Sie hatte sofort richtig Bock auf Radfahren und ist mit uns ohne Beschwerden eine 20km Tour gefahren, vorher waren nur 2-5 drin, da die Beine immer so stark angewinkelt waren.


----------



## delphi1507 (12. Januar 2019)

Broiler-aus-GG schrieb:


> Das mit dem schmerzenden Beinen kenne ich auch von meiner Tochter, das kommt vom weitverbreiteten Fehlblauben das die Füße auf dem Sattel sitzend auf den Boden kommen müssen.
> Ich bin diesen Fehler auch lange erlegen, ich habe nun meiner Tochter  die Damentechnik(erst über den Rahmen steigen und dann von der Pedale aus auf den Sattel schwingen) beigebracht, und konnte mit einem Satz den Sattel um ca.10-15 cm höher stellen.
> Sie hatte sofort richtig Bock auf Radfahren und ist mit uns ohne Beschwerden eine 20km Tour gefahren, vorher waren nur 2-5 drin, da die Beine immer so stark angewinkelt waren.

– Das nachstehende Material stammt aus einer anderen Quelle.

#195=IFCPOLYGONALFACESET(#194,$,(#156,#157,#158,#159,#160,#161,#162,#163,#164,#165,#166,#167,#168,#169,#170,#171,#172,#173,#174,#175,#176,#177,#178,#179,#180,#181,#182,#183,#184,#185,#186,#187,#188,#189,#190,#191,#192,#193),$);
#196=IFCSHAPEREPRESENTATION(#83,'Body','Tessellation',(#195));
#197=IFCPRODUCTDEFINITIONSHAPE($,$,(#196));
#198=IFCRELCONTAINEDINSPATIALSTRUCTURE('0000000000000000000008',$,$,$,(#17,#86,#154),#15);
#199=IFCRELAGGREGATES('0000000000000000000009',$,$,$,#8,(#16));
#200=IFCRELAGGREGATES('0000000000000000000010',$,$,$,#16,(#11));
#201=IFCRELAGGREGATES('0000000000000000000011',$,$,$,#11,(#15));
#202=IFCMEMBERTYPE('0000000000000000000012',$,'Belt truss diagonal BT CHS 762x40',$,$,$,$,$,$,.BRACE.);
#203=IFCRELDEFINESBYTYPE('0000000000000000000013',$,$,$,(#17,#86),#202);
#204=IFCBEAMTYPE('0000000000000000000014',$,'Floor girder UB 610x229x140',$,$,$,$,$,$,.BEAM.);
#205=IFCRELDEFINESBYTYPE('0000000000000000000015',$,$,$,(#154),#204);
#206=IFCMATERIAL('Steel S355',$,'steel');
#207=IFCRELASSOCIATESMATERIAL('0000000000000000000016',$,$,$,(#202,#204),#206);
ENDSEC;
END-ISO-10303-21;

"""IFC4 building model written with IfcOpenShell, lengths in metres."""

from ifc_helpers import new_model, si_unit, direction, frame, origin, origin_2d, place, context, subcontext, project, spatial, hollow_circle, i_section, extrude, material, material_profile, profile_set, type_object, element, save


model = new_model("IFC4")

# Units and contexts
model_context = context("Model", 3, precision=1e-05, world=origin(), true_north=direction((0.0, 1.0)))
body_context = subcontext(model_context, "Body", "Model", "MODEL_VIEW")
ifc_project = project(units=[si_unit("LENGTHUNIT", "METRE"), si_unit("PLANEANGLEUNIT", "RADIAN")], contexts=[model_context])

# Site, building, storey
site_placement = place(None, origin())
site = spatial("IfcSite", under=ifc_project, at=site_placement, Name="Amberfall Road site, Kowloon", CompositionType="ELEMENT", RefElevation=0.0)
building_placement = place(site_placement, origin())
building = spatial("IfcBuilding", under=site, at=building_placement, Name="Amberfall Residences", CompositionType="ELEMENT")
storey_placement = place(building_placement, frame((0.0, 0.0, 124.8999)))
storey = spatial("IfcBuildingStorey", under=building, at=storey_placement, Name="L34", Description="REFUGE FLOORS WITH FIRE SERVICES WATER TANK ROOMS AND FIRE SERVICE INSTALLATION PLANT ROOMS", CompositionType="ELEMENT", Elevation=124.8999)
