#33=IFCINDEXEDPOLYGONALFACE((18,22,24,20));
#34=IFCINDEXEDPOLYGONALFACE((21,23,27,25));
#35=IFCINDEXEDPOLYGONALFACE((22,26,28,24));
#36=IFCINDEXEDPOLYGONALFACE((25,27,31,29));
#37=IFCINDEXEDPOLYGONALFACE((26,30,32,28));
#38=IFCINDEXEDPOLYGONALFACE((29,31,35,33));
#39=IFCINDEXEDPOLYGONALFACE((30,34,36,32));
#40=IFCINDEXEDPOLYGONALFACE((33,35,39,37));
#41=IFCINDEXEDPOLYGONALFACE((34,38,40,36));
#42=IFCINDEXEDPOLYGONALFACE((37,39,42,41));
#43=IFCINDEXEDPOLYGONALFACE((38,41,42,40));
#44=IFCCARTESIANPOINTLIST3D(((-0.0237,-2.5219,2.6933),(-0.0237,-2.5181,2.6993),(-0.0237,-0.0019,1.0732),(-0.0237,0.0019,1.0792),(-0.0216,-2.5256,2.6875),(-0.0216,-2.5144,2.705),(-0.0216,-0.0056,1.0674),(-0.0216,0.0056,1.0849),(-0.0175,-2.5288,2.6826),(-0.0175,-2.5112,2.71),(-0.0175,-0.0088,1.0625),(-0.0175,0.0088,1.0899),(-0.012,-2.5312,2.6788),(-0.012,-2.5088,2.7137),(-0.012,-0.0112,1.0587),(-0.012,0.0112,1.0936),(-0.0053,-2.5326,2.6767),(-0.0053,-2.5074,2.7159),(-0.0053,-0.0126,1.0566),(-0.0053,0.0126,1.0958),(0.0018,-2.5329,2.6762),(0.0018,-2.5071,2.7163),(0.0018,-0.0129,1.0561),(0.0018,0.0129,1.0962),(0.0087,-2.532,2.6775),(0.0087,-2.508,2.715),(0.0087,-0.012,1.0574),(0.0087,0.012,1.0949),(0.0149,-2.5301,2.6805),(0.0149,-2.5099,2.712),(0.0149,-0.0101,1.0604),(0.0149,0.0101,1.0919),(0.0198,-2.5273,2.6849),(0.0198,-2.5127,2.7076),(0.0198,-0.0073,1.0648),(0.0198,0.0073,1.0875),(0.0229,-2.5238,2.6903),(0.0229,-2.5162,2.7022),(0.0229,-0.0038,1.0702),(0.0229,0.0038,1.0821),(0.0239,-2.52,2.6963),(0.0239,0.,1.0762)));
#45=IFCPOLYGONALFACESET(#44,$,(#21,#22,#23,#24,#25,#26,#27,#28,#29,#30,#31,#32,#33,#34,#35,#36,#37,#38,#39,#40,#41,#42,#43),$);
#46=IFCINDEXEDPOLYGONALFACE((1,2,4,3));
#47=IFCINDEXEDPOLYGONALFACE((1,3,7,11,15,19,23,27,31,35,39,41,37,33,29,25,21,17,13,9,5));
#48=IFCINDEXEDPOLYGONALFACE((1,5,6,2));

Das ist leider ein extrem weit verbreiteter Fehler... Und alle wundern sich immer über die Distanzen die unsere Kinder fahren...


----------



## MTB-News.de




----------



## Bikelovers (12. Januar 2019)

Hm, wir haben das Fahrrad so eingestellt, dass er nur mit den Zehenspitzen runter kommt - trotzdem noch zu tief und doch den original Sattel wieder rauf?  
Da hat er daa nicht gesagt...


----------



## Broiler-aus-GG (12. Januar 2019)

Der Sattel sollte am besten so hoch das die Beine in unterster Padalstellung ohne Schuhe komplett gestreckt sind.

Probier es aus, du wirst erstaunt sein wie gern dein Junge auf einmal Fahrrad fährt.


----------



## Bikelovers (12. Januar 2019)

Broiler-aus-GG schrieb:


> Der Sattel sollte am besten so hoch das die Beine in unterster Padalstellung ohne Schuhe komplett gestreckt sind.
> 
> Probier es aus, du wirst erstaunt sein wie gern dein Junge auf einmal Fahrrad fährt.



Verstehe ich dich richtig, dass die Beine, wenn er die Füße auf der Pedale hat, ausgetreckt sein sollen - nicht auf dem Boden ausgestreckt stehend?
Auch bei einem Dreijährigen?


----------



## Broiler-aus-GG (12. Januar 2019)

Ich gebe natürlich keine Gewähr auf meine Aussagen, da diese lediglich auf meinen Erfahrungen beruhen, bei meiner Tochter bin ich da leider erst viel später drauf gekommen.
3 jahre ist natürlich recht jung, aber wenn er schon länger Fahrrad fährt, könnte sich auch das aufsteigen ohne Bodenkontakt erlernen lassen?


----------



## delphi1507 (12. Januar 2019)

Broiler-aus-GG schrieb:


> Ich gebe natürlich keine Gewähr auf meine Aussagen, da diese lediglich auf meinen Erfahrungen beruhen, bei meiner Tochter bin ich da leider erst viel später drauf gekommen.
> 3 jahre ist natürlich recht jung, aber wenn er schon länger Fahrrad fährt, könnte sich auch das aufsteigen ohne Bodenkontakt erlernen lassen?


Geht aber  mein kleinster ist 3...


----------